Lek Yuen Estate (瀝源邨) was the first public housing estate in Sha Tin, and is built on the reclaimed land of Sha Tin Hoi, located near Wo Che Estate and Sha Tin station. The estate consists of seven residential blocks completed in 1975.

Lek Yuen Estate was one of the first of a "new generation" of estates which were more self-contained with regard to the provision of amenities and shopping.
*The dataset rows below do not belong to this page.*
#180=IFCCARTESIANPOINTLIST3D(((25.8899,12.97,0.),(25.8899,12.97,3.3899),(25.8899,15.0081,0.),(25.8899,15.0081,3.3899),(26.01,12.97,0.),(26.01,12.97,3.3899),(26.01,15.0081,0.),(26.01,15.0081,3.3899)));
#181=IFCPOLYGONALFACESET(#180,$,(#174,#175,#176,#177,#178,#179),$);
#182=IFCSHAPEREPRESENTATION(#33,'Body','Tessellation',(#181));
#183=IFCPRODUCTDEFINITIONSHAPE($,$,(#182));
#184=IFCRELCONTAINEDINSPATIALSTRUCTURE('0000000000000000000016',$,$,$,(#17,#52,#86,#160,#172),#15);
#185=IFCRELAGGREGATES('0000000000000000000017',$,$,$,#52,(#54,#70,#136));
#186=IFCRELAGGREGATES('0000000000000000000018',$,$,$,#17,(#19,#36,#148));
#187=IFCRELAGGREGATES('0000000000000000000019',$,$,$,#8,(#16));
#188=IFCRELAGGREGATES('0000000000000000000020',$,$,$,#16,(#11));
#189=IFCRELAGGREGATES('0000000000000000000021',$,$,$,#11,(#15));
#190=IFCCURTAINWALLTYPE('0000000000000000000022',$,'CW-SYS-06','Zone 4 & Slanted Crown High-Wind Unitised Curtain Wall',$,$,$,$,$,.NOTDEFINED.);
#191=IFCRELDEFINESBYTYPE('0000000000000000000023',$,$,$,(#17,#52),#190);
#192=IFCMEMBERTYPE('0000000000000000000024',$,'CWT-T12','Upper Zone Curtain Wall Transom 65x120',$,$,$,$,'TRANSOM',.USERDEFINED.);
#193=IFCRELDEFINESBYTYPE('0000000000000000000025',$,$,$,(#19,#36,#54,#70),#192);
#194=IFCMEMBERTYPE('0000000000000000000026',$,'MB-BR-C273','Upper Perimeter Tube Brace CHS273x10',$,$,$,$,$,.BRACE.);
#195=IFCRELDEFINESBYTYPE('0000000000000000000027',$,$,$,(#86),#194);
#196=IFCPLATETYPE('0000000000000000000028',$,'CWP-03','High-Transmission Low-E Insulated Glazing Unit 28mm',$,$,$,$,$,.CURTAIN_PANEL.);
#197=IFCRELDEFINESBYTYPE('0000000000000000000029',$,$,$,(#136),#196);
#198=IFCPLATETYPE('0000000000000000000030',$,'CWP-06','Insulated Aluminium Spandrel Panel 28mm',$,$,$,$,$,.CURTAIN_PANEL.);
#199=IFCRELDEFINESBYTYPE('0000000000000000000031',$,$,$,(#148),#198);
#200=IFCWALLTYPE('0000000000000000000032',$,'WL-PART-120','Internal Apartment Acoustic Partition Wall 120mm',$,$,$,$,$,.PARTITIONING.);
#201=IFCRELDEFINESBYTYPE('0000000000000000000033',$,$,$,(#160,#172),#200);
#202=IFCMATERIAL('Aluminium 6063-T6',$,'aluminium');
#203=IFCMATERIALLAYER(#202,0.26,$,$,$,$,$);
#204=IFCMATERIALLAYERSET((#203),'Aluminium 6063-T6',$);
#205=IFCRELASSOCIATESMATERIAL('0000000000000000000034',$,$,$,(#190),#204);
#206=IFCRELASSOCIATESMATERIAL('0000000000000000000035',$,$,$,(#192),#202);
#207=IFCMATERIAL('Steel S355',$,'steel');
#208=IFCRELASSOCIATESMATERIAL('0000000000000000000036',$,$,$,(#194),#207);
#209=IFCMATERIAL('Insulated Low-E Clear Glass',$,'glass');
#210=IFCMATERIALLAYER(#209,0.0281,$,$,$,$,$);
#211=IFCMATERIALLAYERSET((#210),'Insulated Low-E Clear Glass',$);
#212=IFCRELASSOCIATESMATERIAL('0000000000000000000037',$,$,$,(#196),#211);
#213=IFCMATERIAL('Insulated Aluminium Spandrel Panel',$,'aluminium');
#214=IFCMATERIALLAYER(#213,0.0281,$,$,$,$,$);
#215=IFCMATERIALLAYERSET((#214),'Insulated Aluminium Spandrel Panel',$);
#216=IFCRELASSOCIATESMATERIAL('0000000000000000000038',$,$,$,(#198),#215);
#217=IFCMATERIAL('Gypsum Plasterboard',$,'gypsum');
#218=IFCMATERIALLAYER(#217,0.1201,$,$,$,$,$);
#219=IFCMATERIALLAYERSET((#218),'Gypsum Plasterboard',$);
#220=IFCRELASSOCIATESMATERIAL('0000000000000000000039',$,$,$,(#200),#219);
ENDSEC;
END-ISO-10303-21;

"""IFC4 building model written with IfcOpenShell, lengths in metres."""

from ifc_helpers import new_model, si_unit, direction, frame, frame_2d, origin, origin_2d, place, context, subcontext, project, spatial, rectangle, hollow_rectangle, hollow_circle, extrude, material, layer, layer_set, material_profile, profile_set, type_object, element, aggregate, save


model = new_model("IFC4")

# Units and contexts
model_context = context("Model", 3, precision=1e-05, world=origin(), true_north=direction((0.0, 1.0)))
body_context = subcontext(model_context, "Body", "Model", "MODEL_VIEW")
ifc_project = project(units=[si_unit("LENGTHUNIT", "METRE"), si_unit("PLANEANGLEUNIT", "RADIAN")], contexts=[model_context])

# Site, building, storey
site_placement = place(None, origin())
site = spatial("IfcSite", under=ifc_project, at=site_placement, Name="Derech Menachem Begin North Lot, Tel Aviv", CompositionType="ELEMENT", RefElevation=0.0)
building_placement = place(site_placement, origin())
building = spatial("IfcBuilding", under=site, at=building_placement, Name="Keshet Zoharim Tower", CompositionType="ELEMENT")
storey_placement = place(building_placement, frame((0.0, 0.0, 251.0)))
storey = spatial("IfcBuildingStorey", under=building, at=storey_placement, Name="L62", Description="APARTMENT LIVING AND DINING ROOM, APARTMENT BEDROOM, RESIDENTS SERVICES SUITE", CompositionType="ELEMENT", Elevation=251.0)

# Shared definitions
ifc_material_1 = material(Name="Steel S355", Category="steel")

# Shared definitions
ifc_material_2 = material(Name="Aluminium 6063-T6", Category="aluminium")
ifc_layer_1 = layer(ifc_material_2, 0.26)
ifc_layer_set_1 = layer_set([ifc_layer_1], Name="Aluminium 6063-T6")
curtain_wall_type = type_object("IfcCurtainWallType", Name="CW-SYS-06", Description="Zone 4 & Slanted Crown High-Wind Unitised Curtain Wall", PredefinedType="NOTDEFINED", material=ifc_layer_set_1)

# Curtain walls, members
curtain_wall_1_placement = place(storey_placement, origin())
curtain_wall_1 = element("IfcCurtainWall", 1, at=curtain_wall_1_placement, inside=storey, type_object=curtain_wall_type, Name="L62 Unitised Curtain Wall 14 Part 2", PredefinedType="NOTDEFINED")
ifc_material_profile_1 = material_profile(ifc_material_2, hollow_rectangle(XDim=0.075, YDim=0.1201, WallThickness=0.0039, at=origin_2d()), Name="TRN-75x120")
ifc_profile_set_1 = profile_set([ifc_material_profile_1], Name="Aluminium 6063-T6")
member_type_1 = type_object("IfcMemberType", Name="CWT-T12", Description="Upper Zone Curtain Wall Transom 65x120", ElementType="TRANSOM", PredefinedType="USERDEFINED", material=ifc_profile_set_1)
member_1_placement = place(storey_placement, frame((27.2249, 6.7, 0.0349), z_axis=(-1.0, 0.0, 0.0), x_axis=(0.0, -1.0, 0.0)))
Covered walkways allow tenants to do their shopping close to home, without relying other modes of transportation. This is now a standard element of housing estate design in Hong Kong. When the old Sha Tin market was being demolished, many merchants were relocated to the Lek Yuen Estate shops, though some complained of comparatively "exorbitant" rents.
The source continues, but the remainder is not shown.